- Brazil’s Supreme Court has ruled that ex-President Luiz Inácio Lula da Silva must start his jail pending his appeal
- The ex-president was accused of corruption in an investigation tagged ‘Operation Car Wash’ and was eventually convicted
- He is facing a 12-year jail term if his appeal fails
Brazil’s Supreme Court has ruled that the country’s former president, Luiz Inácio Lula da Silva, who served as president between 2003 and 2011, will be sent to jail while he appeals against a corruption conviction.
Lula is facing 12 years in jail on charges of accepting a bribe but had asked to remain free during his appeal, BBC reports.
NAIJ.com gathered that the ex-president was implicated in a corruption investigation case tagged ‘Operation Car Wash’.
The prosecution reportedly started in 2014 after Lula left office, following allegations that executives at the state oil company Petrobras had accepted bribes in return for awarding contracts to construction firms.
The investigation allegedly uncovered a huge web of corruption involving top-level politicians from a broad spectrum of parties taking kickbacks.
The ex-president himself was convicted of receiving a renovated beachfront apartment worth some 3.7 million reais ($1.1m, £790,000), as a bribe by engineering firm OAS.
However, Lula claimed the charges were politically motivated, and designed to prevent him from running for president in October.
He described the battle against his conviction and prison term as a continuation of his fight against Brazil's military rule, which came to an end in 1985.
"I did not accept the military dictatorship and I will not accept this dictatorship of the prosecutors," he told a gathering of supporters on Monday, April 2.
According to Lula's political party, Workers' Party, the ruling was a "tragic day for democracy and Brazil".
Meanwhile, the judge in charge of Operation Car Wash, Sergio Moro, is expected to issue a warrant for Lula's arrest within days.
This, however, does not necessarily mean that Lula will go to jail for 12 years.
According to the BBC report, he has not exhausted his appeals yet.
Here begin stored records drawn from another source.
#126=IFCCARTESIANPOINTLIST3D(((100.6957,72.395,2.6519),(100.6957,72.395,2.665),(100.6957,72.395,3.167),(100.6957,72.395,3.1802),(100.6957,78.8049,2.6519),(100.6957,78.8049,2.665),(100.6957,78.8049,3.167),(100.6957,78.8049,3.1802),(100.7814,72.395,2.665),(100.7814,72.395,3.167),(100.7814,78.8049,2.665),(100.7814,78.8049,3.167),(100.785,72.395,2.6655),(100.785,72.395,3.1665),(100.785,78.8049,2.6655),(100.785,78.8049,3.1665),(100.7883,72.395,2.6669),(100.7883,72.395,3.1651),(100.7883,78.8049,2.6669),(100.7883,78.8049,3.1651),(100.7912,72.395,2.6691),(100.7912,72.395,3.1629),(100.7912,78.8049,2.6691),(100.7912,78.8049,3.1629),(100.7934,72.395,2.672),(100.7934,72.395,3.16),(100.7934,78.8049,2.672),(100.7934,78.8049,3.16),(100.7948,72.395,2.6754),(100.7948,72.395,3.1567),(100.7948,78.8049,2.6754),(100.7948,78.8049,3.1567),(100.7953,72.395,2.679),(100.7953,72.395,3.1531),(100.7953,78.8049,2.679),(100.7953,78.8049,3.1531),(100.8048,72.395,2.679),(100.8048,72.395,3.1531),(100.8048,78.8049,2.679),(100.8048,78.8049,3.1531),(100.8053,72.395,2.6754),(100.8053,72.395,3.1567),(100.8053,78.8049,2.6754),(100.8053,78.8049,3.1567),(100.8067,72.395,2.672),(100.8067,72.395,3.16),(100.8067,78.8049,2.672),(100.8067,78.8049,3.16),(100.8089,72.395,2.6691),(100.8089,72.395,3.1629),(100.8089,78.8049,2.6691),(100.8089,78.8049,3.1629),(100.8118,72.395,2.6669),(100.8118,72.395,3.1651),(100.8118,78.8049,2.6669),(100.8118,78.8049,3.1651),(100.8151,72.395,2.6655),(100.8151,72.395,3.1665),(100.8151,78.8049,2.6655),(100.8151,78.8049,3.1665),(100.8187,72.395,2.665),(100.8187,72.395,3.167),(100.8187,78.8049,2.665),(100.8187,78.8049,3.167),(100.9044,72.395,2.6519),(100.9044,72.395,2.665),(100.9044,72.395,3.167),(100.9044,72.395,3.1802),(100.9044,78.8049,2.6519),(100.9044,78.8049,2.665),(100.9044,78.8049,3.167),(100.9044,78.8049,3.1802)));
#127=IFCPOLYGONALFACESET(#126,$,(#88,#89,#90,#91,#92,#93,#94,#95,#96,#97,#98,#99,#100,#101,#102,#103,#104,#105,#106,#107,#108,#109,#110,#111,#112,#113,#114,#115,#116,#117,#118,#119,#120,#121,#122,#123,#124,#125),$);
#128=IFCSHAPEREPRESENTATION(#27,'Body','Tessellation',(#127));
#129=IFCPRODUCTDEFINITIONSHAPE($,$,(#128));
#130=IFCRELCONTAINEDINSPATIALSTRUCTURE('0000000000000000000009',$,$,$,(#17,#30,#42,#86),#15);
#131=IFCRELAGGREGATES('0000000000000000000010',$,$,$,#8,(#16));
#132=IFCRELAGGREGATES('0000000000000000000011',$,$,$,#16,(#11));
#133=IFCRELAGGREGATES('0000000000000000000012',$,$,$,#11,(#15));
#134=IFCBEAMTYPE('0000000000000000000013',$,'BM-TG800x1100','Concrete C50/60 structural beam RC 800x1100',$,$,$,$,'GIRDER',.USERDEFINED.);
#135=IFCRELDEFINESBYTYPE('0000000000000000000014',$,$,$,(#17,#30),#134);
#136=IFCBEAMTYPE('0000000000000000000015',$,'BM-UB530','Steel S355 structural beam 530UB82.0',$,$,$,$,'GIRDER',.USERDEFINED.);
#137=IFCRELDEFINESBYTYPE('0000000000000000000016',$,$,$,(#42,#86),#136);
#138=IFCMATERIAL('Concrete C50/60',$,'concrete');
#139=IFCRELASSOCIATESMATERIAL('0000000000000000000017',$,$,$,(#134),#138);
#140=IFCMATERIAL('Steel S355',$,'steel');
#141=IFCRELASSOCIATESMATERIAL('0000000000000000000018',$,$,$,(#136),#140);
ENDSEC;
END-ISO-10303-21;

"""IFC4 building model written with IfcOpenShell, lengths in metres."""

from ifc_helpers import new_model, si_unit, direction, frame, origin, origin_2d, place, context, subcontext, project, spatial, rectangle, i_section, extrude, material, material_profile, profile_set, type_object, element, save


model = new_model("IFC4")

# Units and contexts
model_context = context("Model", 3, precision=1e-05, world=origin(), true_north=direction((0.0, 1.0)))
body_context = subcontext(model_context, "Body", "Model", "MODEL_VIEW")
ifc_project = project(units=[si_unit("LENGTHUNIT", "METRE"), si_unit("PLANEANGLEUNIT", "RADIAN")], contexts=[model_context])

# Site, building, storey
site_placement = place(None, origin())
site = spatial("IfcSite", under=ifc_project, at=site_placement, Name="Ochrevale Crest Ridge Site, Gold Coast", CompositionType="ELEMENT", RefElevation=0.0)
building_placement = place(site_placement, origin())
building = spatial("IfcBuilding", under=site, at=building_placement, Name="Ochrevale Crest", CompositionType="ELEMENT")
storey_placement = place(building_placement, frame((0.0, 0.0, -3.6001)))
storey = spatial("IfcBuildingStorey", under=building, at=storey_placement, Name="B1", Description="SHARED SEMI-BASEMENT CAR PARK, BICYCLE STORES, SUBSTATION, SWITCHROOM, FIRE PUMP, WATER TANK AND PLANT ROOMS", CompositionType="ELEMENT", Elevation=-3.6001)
There are two higher courts which he can still turn to, the Superior Court and the Supreme Court.
The two courts will not re-examine whether Lula was guilty of corruption. They would look into whether legal procedures were followed correctly and whether his constitutional rights were breached.
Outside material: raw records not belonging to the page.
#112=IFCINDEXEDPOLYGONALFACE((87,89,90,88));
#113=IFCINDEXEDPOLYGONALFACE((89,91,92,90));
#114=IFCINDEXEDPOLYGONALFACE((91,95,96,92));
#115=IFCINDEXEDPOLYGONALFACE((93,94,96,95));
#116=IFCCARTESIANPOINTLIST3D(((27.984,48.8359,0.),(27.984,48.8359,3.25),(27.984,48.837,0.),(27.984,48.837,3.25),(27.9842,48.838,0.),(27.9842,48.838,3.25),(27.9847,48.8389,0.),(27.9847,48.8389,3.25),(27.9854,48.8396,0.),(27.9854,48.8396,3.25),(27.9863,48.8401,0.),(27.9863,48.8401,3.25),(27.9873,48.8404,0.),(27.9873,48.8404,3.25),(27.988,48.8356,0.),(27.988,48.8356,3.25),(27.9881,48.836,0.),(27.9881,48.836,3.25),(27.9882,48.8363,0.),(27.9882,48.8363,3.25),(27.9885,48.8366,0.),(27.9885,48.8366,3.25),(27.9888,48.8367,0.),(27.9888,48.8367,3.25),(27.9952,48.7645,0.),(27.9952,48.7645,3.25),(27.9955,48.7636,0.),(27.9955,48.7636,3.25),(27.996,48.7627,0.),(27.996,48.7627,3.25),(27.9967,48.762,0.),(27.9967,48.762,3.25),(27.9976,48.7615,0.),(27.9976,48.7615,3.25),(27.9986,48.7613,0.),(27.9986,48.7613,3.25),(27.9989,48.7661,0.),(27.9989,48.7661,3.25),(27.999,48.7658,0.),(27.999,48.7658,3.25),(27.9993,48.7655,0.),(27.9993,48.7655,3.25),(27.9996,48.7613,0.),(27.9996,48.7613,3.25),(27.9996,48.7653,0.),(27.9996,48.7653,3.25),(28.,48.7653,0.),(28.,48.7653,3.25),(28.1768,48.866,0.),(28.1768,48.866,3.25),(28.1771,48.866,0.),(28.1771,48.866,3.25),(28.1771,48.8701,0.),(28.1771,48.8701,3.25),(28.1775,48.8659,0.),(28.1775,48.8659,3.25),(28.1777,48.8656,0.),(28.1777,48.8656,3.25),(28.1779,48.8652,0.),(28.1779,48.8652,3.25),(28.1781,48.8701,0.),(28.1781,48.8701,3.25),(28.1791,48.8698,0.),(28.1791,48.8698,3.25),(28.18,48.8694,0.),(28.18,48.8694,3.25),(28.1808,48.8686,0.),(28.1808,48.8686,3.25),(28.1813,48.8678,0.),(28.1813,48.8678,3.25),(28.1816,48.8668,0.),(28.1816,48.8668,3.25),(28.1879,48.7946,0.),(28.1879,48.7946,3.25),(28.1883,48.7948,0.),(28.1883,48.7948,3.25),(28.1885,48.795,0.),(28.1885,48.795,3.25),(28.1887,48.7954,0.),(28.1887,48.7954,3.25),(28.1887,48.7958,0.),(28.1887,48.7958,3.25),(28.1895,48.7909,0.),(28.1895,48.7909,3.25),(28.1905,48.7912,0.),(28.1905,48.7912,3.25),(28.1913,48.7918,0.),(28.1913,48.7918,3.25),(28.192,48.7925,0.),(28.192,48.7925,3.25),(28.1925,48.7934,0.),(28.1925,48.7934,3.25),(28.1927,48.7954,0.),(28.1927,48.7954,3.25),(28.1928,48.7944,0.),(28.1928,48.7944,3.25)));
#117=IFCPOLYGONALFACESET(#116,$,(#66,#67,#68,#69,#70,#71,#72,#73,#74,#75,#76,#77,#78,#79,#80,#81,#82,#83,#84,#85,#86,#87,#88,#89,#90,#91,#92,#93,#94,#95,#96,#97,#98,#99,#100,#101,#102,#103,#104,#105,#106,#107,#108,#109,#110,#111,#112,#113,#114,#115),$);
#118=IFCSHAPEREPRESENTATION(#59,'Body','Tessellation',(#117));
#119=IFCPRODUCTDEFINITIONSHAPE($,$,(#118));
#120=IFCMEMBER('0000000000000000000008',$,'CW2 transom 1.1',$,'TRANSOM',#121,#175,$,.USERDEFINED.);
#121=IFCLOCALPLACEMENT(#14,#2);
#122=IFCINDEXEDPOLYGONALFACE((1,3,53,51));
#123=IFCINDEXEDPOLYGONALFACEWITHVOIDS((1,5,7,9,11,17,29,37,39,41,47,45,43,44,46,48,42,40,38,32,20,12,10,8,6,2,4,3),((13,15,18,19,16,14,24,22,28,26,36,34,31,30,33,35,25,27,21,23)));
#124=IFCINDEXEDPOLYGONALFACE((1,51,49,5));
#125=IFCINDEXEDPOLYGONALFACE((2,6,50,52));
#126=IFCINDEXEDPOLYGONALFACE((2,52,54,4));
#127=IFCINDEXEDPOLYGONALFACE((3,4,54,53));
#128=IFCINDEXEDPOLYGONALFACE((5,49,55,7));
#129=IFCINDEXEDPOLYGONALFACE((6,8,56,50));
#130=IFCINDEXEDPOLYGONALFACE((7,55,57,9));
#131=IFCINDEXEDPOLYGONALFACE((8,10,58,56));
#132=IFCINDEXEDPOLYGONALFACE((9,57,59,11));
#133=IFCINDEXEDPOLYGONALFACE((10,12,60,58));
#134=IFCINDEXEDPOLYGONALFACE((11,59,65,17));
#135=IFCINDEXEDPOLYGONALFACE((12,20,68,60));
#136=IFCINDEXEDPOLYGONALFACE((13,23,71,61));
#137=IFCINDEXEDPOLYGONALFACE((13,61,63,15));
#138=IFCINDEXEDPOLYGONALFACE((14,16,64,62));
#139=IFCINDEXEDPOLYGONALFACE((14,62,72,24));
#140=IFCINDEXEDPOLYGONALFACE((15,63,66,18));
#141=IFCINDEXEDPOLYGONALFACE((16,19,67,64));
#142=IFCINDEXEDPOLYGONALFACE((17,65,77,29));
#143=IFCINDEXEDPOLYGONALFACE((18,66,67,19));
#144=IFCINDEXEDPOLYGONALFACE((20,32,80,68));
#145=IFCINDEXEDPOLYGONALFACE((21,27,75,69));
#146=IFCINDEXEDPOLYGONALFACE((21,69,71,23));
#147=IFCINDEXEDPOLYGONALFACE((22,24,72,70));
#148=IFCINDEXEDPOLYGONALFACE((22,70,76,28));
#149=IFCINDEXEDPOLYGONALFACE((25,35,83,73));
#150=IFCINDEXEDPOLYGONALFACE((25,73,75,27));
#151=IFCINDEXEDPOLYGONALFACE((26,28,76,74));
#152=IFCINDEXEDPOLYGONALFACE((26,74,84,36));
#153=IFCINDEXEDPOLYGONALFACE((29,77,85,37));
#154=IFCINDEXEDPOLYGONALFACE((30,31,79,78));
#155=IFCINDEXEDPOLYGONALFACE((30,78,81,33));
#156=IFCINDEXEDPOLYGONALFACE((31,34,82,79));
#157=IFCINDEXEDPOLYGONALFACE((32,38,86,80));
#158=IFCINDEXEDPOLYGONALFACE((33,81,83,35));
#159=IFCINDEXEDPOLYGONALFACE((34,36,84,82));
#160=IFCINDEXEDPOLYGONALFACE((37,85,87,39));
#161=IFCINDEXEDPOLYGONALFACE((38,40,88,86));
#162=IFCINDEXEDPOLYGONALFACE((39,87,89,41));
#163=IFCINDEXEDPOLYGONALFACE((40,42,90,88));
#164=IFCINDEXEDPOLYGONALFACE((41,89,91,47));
Nonetheless, this process could take months or even years. If either court were to rule in Lula's favour, his conviction could be annulled and he would be released.
The latest ruling from the Supreme Court is a reportedly break away from the country’s legal tradition.
BBC reports that until recently, defendants in Brazil were allowed to remain free until their final appeal had been exhausted.
However, the Supreme Court opted to consider in Lula’s case, a 2016 ruling from a lower court, under which defendants could be sent to jail after a failed first appeal.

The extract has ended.